Seeking a Circus on the Outskirts of Sixty
David R. Weiss, February 4, 2018
It was a silly children’s book. A mix of whimsy and rhyme and rather stiff illustrations. No doubt there was a gentle deeper message intended all along, but I’m pretty sure that Robert Lopshire (the author) was not trying to map out my life. That just happened.
My copy, now with the binding starting to crack, still comes out for grandchildren on occasion. My name is neatly printed on the inside cover. First published in 1960, I suspect I got my copy of Put Me in the Zoo about five or six years later.

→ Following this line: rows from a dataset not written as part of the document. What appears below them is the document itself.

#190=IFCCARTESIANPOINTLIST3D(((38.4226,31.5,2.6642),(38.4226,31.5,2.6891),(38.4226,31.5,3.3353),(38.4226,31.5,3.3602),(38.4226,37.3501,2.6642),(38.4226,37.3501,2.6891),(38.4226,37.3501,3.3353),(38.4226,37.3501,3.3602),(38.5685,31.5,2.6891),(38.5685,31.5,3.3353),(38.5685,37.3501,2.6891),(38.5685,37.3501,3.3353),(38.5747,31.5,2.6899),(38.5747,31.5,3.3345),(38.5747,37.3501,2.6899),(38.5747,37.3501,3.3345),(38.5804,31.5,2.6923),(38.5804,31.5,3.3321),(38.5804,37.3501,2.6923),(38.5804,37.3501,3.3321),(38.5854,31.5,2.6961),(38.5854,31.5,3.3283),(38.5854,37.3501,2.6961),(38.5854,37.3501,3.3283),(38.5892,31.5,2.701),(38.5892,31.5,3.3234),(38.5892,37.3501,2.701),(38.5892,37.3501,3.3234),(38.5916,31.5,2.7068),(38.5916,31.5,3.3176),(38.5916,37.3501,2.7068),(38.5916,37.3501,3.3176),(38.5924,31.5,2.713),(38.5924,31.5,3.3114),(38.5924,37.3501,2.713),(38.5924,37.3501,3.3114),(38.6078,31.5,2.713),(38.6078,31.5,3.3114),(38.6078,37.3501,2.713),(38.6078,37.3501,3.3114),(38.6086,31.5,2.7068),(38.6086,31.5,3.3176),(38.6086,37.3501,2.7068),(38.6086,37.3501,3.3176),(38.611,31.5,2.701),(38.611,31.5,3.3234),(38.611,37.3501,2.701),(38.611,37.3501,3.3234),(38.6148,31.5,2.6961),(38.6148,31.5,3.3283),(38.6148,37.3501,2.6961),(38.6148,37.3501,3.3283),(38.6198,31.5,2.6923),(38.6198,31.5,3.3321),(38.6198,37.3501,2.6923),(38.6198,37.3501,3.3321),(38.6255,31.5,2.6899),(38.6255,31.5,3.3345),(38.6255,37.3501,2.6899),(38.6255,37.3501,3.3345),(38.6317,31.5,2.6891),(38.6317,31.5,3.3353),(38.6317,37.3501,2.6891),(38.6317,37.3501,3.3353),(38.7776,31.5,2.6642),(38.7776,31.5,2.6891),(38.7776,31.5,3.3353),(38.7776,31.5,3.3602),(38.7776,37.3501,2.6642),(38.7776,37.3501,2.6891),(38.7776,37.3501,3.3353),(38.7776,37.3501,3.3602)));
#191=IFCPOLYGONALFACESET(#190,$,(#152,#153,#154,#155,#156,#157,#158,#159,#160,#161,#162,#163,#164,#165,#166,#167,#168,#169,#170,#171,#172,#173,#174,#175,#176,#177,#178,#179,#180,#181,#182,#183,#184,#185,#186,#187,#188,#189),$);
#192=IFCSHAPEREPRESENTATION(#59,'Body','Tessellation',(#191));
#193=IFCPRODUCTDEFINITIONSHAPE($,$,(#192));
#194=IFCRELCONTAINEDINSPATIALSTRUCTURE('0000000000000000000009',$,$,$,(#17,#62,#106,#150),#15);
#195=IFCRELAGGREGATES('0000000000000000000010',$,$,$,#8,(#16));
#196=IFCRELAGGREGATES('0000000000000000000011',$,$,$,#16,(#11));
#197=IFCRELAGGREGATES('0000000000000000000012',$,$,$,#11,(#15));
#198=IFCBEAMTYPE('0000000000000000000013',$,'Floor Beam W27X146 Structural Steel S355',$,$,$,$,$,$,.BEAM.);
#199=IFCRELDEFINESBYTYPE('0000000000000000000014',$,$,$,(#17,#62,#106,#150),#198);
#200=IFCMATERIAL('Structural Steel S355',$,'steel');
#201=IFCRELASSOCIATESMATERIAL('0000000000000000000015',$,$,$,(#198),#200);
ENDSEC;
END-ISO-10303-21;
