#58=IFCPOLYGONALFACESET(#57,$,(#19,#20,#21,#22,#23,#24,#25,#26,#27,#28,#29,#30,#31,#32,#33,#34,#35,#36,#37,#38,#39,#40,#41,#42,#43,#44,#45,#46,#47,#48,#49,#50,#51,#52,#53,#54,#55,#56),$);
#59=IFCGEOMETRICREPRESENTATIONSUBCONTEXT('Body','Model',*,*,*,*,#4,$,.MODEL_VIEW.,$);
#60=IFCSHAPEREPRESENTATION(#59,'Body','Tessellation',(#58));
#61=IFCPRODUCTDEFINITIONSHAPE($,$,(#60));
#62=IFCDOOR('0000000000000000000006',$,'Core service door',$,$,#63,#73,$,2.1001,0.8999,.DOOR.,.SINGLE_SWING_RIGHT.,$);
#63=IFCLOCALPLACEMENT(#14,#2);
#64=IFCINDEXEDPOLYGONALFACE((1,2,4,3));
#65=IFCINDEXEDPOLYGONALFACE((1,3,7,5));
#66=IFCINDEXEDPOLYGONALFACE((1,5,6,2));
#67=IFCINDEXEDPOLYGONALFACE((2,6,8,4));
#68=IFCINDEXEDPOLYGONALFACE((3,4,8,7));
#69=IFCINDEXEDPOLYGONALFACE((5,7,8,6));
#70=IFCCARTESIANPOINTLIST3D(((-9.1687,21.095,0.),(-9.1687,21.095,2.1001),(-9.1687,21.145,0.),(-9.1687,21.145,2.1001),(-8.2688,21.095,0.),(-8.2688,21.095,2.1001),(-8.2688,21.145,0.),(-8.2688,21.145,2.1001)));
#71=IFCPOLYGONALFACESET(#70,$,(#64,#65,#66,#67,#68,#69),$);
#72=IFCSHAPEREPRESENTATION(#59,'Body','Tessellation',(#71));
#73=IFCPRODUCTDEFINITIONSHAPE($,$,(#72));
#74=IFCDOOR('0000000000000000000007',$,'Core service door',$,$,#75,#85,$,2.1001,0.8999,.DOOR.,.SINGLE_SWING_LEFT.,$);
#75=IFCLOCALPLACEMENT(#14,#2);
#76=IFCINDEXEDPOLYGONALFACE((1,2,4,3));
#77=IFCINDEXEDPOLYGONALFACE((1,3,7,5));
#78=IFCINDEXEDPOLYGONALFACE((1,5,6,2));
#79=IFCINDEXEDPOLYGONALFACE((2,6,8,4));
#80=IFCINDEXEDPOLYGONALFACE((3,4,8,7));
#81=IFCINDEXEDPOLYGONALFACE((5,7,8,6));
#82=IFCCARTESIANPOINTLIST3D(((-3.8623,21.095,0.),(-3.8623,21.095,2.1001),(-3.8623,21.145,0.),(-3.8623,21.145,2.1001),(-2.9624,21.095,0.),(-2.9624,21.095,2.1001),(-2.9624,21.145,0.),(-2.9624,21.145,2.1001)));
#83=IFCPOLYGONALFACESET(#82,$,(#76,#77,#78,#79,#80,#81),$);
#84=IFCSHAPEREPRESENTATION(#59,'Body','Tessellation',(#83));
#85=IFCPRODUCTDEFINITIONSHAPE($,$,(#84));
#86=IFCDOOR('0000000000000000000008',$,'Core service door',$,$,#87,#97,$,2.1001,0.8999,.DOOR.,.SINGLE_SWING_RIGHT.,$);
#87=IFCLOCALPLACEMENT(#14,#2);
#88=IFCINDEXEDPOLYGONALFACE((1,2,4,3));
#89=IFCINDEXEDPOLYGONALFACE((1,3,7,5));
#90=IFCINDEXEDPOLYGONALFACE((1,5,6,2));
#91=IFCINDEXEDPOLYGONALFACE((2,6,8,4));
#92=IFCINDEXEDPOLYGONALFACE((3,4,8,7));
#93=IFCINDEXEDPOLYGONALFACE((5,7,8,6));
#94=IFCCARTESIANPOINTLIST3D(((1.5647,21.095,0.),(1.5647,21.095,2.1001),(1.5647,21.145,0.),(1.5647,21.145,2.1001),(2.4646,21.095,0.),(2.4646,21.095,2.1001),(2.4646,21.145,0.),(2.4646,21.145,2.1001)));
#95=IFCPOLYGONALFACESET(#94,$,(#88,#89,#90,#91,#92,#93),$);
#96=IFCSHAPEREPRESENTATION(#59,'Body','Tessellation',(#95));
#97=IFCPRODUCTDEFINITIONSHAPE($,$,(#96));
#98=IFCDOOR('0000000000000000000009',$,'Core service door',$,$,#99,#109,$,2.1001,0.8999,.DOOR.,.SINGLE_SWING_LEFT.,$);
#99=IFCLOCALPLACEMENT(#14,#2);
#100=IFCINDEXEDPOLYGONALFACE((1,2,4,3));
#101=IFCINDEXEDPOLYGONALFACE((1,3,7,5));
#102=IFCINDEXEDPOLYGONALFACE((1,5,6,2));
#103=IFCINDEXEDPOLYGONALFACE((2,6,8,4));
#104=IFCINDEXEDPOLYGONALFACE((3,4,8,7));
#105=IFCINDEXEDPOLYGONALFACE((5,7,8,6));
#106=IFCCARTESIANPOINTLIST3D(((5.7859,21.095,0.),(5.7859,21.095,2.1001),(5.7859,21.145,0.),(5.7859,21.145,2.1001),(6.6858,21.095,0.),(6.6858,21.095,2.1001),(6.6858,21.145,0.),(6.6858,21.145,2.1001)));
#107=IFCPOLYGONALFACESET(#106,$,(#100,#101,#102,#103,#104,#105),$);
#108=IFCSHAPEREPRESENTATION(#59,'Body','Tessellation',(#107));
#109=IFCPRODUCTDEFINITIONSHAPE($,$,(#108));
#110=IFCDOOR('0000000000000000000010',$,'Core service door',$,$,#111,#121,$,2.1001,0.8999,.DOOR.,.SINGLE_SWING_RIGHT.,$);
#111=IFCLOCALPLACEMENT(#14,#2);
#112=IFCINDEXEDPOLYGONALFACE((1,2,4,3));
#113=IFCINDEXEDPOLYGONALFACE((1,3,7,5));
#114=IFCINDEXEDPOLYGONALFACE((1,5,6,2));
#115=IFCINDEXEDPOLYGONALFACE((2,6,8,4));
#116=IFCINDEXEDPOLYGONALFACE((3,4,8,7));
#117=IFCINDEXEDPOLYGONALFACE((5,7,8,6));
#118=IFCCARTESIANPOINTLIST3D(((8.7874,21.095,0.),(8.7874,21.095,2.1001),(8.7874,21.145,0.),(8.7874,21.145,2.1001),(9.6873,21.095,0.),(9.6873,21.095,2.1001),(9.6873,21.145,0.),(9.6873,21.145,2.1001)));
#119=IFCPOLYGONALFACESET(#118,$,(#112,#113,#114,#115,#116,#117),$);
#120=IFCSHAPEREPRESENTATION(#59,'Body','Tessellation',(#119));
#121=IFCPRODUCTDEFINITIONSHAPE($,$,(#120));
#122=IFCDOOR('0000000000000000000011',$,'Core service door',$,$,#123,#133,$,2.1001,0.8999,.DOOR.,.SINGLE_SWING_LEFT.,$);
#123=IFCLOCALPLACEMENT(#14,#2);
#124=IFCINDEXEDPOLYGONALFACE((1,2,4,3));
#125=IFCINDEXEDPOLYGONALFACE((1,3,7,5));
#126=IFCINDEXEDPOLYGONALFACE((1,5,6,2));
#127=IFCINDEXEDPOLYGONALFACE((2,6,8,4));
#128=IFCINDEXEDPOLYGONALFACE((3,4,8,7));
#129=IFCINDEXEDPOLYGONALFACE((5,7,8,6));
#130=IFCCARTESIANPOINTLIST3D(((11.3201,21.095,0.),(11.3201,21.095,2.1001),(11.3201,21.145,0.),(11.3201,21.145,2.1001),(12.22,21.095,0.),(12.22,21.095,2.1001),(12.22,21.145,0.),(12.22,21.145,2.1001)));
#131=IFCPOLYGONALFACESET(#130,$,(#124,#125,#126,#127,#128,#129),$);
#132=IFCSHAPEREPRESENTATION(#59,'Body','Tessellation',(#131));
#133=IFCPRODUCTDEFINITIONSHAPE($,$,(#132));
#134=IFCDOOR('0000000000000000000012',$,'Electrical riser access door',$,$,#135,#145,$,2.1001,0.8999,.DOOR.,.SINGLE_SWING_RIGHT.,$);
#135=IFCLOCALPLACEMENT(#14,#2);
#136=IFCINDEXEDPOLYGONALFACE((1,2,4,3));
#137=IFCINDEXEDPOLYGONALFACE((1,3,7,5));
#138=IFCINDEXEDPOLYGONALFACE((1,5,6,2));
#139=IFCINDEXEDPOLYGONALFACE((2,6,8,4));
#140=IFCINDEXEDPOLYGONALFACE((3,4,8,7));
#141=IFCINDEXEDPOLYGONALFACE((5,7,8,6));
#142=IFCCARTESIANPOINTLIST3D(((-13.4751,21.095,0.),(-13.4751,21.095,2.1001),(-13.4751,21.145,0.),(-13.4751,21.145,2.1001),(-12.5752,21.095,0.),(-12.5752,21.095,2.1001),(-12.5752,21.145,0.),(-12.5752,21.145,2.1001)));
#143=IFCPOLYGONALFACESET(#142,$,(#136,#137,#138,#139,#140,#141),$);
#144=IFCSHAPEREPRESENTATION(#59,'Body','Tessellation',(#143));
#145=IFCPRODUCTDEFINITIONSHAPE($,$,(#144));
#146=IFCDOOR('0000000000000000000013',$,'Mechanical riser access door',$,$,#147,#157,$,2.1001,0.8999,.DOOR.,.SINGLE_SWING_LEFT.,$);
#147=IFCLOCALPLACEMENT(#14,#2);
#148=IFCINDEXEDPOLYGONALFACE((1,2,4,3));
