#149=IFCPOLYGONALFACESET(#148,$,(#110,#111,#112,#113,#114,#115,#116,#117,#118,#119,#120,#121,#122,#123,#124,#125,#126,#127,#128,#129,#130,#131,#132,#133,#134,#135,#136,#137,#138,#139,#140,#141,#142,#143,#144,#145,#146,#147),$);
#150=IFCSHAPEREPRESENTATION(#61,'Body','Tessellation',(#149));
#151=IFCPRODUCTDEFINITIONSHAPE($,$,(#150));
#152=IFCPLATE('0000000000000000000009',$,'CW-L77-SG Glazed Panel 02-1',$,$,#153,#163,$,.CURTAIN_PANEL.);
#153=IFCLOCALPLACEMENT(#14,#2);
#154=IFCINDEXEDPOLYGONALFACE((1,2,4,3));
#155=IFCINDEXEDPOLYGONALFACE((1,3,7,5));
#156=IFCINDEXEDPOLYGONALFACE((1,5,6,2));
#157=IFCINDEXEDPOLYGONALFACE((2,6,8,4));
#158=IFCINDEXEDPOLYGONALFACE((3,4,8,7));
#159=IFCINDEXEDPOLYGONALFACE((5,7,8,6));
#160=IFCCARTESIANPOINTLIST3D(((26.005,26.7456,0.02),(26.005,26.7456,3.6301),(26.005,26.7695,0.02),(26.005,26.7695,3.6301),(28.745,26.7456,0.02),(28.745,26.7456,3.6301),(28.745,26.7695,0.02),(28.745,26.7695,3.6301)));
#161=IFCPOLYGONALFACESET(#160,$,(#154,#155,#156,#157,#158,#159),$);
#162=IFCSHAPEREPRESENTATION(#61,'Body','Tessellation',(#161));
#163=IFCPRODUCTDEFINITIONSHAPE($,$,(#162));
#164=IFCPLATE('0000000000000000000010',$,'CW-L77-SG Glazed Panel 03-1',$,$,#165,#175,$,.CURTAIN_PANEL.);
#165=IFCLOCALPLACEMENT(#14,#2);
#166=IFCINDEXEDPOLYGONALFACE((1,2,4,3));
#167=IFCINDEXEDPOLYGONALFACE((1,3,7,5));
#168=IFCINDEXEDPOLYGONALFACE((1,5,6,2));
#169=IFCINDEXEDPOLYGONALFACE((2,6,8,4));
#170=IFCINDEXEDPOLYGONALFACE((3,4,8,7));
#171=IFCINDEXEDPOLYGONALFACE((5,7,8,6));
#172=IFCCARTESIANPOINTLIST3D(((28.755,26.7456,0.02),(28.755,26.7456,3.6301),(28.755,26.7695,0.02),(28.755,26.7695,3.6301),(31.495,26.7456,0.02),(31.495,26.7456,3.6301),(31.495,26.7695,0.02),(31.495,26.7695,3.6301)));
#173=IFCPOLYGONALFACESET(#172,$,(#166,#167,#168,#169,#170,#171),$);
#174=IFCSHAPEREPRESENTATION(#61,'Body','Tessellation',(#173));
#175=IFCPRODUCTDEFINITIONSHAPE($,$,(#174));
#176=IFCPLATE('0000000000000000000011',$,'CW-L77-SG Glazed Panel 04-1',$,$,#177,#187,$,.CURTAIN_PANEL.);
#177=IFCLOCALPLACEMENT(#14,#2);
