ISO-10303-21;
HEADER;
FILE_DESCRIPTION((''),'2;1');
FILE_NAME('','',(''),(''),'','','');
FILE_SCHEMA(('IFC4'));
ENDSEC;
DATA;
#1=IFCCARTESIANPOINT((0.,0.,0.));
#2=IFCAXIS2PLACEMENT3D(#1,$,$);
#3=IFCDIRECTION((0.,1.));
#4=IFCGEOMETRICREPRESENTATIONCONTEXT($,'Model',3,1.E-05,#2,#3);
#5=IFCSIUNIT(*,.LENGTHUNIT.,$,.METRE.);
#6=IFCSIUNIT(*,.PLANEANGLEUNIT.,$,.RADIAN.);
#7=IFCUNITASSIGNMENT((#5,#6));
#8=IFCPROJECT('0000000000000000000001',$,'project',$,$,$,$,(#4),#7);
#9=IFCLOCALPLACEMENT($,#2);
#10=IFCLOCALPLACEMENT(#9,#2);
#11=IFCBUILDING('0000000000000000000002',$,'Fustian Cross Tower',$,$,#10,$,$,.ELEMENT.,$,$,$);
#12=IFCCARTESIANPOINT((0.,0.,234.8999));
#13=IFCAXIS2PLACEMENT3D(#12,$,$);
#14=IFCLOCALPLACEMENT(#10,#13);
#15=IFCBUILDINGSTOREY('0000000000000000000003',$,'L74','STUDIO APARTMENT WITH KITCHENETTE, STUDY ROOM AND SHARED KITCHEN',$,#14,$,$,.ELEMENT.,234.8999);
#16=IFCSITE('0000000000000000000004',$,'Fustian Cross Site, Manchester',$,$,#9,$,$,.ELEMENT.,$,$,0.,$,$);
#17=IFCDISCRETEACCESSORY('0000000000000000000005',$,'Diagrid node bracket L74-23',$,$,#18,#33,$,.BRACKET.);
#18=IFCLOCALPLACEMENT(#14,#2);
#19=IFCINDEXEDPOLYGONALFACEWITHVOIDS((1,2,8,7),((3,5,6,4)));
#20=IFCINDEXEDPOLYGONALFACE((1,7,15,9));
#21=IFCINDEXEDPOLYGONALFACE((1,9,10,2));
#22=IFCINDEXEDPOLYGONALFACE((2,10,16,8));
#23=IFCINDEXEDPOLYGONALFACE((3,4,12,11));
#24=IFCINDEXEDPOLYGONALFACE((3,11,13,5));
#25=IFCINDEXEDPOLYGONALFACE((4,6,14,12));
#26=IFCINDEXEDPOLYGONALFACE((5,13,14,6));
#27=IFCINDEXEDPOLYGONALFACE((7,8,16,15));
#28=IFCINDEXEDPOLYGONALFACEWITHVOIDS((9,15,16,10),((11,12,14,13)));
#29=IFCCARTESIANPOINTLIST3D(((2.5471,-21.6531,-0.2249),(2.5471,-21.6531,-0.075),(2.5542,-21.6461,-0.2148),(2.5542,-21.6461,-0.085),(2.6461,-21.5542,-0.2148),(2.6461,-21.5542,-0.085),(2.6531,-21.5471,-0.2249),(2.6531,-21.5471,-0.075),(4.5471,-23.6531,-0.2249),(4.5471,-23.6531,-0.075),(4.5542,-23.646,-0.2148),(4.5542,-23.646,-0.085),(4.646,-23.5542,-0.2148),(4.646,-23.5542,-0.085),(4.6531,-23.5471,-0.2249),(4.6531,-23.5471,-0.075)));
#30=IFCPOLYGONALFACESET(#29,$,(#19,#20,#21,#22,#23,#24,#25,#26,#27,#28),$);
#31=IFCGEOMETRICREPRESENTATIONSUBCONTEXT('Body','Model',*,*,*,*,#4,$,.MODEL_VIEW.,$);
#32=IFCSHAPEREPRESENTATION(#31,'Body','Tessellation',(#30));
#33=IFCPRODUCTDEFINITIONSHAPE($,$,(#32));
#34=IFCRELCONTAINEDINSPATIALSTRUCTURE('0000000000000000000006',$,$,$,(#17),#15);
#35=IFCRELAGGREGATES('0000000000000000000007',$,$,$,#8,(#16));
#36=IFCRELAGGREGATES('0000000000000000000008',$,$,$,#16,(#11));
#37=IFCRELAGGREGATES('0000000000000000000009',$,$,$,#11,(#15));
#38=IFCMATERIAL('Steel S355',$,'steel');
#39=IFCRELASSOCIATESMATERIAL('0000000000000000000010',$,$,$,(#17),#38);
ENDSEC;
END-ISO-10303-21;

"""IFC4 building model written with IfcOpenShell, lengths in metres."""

from ifc_helpers import new_model, si_unit, direction, frame, origin, origin_2d, place, context, subcontext, project, spatial, hollow_rectangle, extrude, material, element, save


model = new_model("IFC4")

# Units and contexts
model_context = context("Model", 3, precision=1e-05, world=origin(), true_north=direction((0.0, 1.0)))
body_context = subcontext(model_context, "Body", "Model", "MODEL_VIEW")
ifc_project = project(units=[si_unit("LENGTHUNIT", "METRE"), si_unit("PLANEANGLEUNIT", "RADIAN")], contexts=[model_context])

# Site, building, storey
site_placement = place(None, origin())
site = spatial("IfcSite", under=ifc_project, at=site_placement, Name="Fustian Cross Site, Manchester", CompositionType="ELEMENT", RefElevation=0.0)
building_placement = place(site_placement, origin())
building = spatial("IfcBuilding", under=site, at=building_placement, Name="Fustian Cross Tower", CompositionType="ELEMENT")
storey_placement = place(building_placement, frame((0.0, 0.0, 234.8999)))
storey = spatial("IfcBuildingStorey", under=building, at=storey_placement, Name="L74", Description="STUDIO APARTMENT WITH KITCHENETTE, STUDY ROOM AND SHARED KITCHEN", CompositionType="ELEMENT", Elevation=234.8999)

# Discrete accessory
ifc_material_1 = material(Name="Steel S355", Category="steel")
discrete_accessory_placement = place(storey_placement, frame((4.6001, -23.6001, -0.1499), z_axis=(-0.707107, 0.707107, 0.0), x_axis=(-0.707107, -0.707107, 0.0)))
element("IfcDiscreteAccessory", 1, at=discrete_accessory_placement, inside=storey, material=ifc_material_1, Name="Diagrid node bracket L74-23", PredefinedType="BRACKET", context=body_context, shape_type="SweptSolid", body=[
    extrude(hollow_rectangle(XDim=0.1499, YDim=0.1499, WallThickness=0.01, at=origin_2d()), origin(), (0.0, 0.0, 1.0), 2.8284),
])

save(model, "model.ifc")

The story, in short (I’m sure most of you have read it; apparently it was a bestseller in the Beginner Books line) is about a creature of ambiguous pedigree—and magical spots—who meets a pair of kids and asks them repeatedly to “Put me in the zoo.” He longs for a place where he’ll belong, and he is certain the zoo, with its menagerie of well-cared for animals is the place for him.
Never mind the innocent naiveté about zoos (that’s a whole other issue), our mysterious creatures goes to great lengths—and heights—to show all the amazing things he can do with his spots as a way of demonstrating why the zoo should welcome him. He can change their color and size, indeed throw them onto other objects—even the children—all in a cheerful frenzy of self-expression. But if you read between the lines, something probably done more easily as I approach sixty, you can discern a more exhausting existential desperation to find a vocational home. Which is where my life maps onto this tale.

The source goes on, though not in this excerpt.